At Staverton, we seek to foster an innate love of reading where our pupils choose to read. Engaging reading opportunities are provided across the school.

All classes are able to enjoy our recently developed library and all children will regularly visit Trowbridge library and become members there. Our classroom book corners are also well stocked with a wide selection of reading material.

This is what we do

From when children have finished RWI phonics, they are taught a stand-alone guided reading lesson every day. The texts and core principles of these lessons have been carefully designed and a reading spine has been established in every year group. Teachers teach a new fiction text each term. The choice of age-appropriate non-fiction texts are decided by the class teacher and incorporated into guided reading sessions when appropriate.

Each reading lesson from year 1-6 lasts no less than 30 minutes and covers a range of skills. Every lesson includes a specific focus on vocabulary and children will engage in active reading every day. There is a balance of oral and written responses to reading. Where a written response is appropriate, these are documented in the children’s reading exercise books.

This is why we do it

We believe that every child has the right to be an outstanding reader and that it is our responsibility to ensure reading is taught consistently and progressively throughout the school. We believe the children need the highest standards and expectations so they become confident readers across the whole curriculum. These principals remain part of our rationale for the way we teach reading:

  1. Teachers all model a love of reading and are knowledgeable about children’s literature.
  2. Read Write Inc is taught comprehensively across the school and the same strategies are employed in reading lessons for segmenting, blending, etymology of words and error corrections.
  3. Reading for pleasure lessons are carefully planned and visits to the library are planned weekly.
  4. Children have the right to be taught a range of literature, following our reading spine of over 40 quality texts.
  5. When planning lessons, teachers are knowledgeable about exactly which skills children need to develop.
  6. Vocabulary teaching features in every lesson.
  7. Daily lessons are timetabled and rigorously taught.

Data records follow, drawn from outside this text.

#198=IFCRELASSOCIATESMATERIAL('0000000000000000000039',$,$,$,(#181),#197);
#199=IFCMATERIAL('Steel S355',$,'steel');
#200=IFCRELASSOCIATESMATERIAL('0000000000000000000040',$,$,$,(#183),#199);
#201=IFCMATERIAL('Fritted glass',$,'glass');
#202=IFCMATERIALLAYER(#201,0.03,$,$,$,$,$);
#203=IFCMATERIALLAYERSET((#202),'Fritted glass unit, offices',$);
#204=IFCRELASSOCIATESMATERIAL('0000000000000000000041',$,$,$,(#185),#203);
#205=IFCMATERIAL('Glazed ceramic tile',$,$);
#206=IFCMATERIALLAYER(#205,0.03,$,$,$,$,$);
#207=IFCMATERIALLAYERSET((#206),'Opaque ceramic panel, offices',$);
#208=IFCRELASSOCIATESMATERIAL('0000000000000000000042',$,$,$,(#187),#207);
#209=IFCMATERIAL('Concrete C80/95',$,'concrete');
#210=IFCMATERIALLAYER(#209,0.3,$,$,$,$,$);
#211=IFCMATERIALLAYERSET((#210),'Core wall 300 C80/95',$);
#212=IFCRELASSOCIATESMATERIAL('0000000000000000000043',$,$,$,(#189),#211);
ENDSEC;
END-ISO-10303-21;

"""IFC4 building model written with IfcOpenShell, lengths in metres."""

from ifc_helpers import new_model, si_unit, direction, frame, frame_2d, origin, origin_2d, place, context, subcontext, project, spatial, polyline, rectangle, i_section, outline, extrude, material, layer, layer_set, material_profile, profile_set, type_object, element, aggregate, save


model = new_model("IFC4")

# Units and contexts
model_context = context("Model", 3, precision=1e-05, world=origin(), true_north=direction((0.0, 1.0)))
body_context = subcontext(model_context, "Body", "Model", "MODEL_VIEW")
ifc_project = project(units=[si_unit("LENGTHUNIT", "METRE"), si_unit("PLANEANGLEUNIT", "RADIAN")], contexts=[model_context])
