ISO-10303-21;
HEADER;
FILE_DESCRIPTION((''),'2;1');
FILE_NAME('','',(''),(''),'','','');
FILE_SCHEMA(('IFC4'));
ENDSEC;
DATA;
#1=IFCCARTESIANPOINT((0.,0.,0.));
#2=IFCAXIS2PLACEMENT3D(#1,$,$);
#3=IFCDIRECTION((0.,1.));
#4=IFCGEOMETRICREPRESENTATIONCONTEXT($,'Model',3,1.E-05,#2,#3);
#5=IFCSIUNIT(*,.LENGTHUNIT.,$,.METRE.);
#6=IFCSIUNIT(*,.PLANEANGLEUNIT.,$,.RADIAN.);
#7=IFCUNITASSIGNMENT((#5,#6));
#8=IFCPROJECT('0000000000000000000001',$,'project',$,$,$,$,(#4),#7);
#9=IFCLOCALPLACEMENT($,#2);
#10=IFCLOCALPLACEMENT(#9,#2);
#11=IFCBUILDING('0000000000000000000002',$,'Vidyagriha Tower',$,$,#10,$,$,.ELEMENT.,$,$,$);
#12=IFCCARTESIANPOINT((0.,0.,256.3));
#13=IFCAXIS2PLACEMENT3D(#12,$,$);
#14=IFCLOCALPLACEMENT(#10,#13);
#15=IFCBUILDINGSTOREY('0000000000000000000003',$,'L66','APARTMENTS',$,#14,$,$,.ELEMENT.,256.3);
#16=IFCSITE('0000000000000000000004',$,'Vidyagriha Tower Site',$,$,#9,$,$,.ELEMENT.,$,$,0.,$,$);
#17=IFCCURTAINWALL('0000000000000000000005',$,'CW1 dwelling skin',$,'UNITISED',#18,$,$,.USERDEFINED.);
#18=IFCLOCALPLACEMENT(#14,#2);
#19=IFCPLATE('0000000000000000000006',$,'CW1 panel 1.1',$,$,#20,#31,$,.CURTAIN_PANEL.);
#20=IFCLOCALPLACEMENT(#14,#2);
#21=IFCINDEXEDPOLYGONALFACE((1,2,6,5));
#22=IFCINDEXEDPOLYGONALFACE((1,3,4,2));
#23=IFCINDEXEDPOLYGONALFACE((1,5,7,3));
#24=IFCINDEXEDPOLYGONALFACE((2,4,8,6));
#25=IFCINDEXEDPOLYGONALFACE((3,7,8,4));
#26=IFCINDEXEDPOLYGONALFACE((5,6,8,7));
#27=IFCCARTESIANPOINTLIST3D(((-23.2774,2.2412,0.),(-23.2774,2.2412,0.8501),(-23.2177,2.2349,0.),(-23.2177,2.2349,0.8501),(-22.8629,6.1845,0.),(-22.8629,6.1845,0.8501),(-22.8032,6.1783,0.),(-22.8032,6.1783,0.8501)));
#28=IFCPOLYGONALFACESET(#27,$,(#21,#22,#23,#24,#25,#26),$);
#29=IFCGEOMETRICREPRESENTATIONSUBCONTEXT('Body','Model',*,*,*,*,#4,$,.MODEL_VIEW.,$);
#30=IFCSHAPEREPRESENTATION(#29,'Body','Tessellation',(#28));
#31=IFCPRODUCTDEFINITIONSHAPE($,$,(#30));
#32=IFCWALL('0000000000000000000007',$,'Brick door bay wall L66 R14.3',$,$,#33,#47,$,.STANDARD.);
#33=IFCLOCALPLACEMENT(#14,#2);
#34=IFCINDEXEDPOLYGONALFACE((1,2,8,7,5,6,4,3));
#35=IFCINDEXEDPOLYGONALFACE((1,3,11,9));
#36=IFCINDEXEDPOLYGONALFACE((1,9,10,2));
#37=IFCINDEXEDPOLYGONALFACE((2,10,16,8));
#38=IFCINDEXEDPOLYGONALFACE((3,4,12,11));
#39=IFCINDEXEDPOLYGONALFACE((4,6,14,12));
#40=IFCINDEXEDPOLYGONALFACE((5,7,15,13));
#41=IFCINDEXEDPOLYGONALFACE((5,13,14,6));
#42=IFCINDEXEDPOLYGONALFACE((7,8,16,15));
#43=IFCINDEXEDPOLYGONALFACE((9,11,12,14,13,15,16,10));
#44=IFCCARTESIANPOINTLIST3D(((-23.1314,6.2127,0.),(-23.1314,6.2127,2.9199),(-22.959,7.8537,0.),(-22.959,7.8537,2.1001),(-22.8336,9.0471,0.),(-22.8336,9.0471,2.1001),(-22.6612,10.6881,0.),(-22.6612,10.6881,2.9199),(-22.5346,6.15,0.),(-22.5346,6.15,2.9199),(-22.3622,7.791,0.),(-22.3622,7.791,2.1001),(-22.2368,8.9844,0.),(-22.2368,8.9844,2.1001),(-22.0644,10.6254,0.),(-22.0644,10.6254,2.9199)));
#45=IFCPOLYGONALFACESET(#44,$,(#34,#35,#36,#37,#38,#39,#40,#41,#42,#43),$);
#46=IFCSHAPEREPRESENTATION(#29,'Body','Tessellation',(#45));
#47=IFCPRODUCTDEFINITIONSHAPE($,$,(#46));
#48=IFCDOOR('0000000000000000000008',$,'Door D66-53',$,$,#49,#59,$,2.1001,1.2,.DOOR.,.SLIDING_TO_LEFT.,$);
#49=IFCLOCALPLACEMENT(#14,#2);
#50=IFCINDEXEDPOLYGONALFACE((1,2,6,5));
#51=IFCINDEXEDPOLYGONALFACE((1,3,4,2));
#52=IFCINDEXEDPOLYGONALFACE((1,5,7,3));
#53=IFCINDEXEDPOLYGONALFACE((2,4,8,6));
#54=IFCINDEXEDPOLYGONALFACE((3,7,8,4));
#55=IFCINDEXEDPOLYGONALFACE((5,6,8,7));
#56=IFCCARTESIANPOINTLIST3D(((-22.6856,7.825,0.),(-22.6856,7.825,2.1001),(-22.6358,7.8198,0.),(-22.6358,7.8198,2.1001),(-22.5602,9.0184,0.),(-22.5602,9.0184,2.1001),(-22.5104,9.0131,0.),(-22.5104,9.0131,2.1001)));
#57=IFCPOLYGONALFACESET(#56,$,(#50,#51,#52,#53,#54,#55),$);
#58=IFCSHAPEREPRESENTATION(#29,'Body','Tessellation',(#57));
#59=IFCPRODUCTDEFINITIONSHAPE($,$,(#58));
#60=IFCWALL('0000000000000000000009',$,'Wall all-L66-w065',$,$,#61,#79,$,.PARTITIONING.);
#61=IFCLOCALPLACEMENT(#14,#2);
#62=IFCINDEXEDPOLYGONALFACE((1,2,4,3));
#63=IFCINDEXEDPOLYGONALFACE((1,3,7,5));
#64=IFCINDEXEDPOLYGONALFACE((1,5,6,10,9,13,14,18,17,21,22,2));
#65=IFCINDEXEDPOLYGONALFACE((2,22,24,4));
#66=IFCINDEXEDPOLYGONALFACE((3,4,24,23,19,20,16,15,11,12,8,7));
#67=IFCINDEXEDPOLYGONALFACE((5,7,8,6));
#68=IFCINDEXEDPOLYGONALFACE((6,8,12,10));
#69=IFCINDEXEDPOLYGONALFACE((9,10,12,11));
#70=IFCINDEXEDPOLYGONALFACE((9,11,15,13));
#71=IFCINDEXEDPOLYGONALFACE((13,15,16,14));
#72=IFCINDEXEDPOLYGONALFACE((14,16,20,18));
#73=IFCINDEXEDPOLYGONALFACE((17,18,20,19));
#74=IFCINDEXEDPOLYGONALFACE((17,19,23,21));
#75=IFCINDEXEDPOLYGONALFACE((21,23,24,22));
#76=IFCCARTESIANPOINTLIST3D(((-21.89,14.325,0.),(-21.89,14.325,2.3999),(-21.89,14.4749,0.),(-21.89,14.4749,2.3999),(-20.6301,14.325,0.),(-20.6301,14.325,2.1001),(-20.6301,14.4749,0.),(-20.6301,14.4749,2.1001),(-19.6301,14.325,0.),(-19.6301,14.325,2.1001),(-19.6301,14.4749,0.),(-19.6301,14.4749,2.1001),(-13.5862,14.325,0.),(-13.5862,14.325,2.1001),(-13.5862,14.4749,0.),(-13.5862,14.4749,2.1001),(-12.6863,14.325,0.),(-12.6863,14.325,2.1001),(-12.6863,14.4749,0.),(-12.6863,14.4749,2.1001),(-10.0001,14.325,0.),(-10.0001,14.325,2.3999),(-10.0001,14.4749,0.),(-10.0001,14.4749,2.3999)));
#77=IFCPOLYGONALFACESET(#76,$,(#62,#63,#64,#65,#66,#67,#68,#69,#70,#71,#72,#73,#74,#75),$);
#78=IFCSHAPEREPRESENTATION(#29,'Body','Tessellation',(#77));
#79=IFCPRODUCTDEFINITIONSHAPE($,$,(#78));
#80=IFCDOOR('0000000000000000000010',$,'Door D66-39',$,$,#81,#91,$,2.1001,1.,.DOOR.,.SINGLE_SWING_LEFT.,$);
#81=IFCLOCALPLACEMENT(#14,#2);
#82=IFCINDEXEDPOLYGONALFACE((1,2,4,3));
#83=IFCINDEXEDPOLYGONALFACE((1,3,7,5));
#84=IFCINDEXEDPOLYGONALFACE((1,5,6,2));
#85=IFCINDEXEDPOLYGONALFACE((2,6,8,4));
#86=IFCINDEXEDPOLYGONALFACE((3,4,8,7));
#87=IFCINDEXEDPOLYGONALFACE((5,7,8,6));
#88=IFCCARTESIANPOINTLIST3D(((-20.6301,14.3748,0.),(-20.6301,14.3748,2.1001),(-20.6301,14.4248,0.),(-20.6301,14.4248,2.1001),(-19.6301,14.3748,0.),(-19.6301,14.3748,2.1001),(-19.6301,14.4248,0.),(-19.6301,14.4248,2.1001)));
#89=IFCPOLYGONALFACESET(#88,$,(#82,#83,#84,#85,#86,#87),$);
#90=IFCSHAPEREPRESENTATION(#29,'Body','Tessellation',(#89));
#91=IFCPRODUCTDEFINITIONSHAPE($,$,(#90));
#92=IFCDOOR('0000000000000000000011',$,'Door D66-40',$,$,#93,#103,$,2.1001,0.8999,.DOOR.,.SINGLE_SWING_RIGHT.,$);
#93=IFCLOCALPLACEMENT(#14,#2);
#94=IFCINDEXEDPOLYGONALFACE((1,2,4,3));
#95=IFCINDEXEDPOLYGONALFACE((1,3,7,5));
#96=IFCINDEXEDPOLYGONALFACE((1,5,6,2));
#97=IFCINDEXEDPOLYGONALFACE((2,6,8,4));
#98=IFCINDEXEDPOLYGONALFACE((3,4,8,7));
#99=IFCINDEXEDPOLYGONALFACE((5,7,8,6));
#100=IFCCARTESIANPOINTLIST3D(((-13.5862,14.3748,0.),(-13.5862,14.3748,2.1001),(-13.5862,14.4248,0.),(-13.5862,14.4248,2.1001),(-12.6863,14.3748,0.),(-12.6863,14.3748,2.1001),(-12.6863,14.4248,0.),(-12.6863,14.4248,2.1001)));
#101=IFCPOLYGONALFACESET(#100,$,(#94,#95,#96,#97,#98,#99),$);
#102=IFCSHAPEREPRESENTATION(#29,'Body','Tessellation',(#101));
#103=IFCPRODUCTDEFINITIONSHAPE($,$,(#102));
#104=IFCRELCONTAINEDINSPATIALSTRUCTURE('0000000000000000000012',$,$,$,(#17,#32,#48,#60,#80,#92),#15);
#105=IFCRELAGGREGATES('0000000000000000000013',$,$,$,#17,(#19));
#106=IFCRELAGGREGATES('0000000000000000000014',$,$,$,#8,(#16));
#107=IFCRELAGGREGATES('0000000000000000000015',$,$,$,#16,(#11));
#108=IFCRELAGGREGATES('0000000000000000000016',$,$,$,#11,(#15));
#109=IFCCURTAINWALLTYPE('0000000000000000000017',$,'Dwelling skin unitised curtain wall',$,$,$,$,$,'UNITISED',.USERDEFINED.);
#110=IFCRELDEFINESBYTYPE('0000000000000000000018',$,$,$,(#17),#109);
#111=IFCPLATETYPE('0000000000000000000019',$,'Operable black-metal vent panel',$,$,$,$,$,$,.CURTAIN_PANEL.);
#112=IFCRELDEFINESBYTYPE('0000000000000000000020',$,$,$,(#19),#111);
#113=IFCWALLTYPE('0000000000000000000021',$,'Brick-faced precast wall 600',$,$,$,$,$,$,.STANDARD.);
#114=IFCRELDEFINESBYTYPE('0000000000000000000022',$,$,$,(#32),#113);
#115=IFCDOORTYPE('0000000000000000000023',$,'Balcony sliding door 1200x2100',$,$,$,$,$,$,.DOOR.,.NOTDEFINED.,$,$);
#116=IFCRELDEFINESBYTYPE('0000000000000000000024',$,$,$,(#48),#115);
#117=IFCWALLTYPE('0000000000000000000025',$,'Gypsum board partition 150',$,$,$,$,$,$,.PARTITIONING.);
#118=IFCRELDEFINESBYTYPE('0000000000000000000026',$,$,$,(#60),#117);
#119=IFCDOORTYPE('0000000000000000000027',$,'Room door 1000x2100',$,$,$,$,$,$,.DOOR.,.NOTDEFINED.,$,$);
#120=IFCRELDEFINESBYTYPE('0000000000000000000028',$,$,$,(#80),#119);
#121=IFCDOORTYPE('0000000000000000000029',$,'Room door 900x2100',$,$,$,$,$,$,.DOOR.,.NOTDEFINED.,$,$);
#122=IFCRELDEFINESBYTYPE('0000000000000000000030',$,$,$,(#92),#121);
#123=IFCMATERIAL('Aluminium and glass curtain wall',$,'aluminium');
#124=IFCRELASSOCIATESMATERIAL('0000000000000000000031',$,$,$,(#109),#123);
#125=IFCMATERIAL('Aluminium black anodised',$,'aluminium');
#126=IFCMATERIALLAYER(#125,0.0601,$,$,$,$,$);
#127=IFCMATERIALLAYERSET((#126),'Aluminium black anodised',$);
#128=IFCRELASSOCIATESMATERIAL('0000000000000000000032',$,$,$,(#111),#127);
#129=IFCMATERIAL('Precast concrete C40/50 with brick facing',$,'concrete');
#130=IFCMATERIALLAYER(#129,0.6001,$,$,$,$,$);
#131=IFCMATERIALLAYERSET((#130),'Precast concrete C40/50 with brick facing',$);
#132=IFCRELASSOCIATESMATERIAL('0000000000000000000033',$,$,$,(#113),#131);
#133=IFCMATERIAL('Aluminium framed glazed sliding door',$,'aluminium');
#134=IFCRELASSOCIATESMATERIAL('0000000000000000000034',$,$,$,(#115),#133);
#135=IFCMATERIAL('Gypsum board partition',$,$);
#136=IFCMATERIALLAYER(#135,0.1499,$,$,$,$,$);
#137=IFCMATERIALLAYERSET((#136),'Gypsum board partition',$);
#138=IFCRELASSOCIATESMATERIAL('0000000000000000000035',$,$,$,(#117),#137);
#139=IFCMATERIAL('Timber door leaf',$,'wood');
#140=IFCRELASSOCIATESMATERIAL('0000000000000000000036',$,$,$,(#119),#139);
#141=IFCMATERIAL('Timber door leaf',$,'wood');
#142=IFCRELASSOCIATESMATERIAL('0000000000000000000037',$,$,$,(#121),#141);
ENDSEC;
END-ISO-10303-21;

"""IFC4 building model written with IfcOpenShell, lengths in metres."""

from ifc_helpers import new_model, si_unit, direction, frame, frame_2d, origin, origin_2d, place, context, subcontext, project, spatial, rectangle, extrude, material, layer, layer_set, type_object, element, fill, aggregate, save


model = new_model("IFC4")

# Units and contexts
model_context = context("Model", 3, precision=1e-05, world=origin(), true_north=direction((0.0, 1.0)))
body_context = subcontext(model_context, "Body", "Model", "MODEL_VIEW")
ifc_project = project(units=[si_unit("LENGTHUNIT", "METRE"), si_unit("PLANEANGLEUNIT", "RADIAN")], contexts=[model_context])

# Site, building, storey
site_placement = place(None, origin())
site = spatial("IfcSite", under=ifc_project, at=site_placement, Name="Vidyagriha Tower Site", CompositionType="ELEMENT", RefElevation=0.0)
building_placement = place(site_placement, origin())
building = spatial("IfcBuilding", under=site, at=building_placement, Name="Vidyagriha Tower", CompositionType="ELEMENT")
storey_placement = place(building_placement, frame((0.0, 0.0, 256.3)))
storey = spatial("IfcBuildingStorey", under=building, at=storey_placement, Name="L66", Description="APARTMENTS", CompositionType="ELEMENT", Elevation=256.3)

# Curtain wall
ifc_material_1 = material(Name="Aluminium and glass curtain wall", Category="aluminium")
curtain_wall_type = type_object("IfcCurtainWallType", Name="Dwelling skin unitised curtain wall", ElementType="UNITISED", PredefinedType="USERDEFINED", material=ifc_material_1)
curtain_wall_1_placement = place(storey_placement, origin())
curtain_wall_1 = element("IfcCurtainWall", 1, at=curtain_wall_1_placement, inside=storey, type_object=curtain_wall_type, Name="CW1 dwelling skin", ObjectType="UNITISED", PredefinedType="USERDEFINED")

# Plate
ifc_material_2 = material(Name="Aluminium black anodised", Category="aluminium")
ifc_layer_1 = layer(ifc_material_2, 0.0601)
ifc_layer_set_1 = layer_set([ifc_layer_1], Name="Aluminium black anodised")
plate_type_1 = type_object("IfcPlateType", Name="Operable black-metal vent panel", PredefinedType="CURTAIN_PANEL", material=ifc_layer_set_1)
plate_1_placement = place(storey_placement, frame((-23.0403, 4.2097, 0.0), z_axis=(0.0, 0.0, 1.0), x_axis=(-0.104533, -0.994521, 0.0)))
plate_1 = element("IfcPlate", 2, at=plate_1_placement, type_object=plate_type_1, Name="CW1 panel 1.1", PredefinedType="CURTAIN_PANEL", context=body_context, shape_type="SweptSolid", body=[
    extrude(rectangle(XDim=3.9651, YDim=0.0601, at=origin_2d()), origin(), (0.0, 0.0, 1.0), 0.8501),
])
aggregate(curtain_wall_1, [plate_1])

Furthermore, we have included research by Doug Lemov (Reading Reconsidered) and Aidan Chambers (Tell me) in our pedagogy to improve the thinking behind the way we present activities to children and how we are guiding them, not leading them to formulate quality responses independently in response to their reading. Further rationale includes:

  • Children read harder, more challenging material.
  • We are aware of the ‘five plagues for developing readers’ and choose reading material to familiarise children with these and remove potential barriers.
  • We teach children to ‘close-read’ texts to allow for deeper analysis.
  • Children need to write effectively in response to reading.
  • We balance teacher: pupil talk and teacher: pupil reading, knowing when each are appropriate to ensure teaching is meaningful and effective.

We recognise that alongside the reading lesson, children will need to be supported in ensuring the independent reading material they access is age-appropriate and sufficiently challenging whilst being accessible. This is carefully monitored and children requiring further support will have their needs met through additional provision.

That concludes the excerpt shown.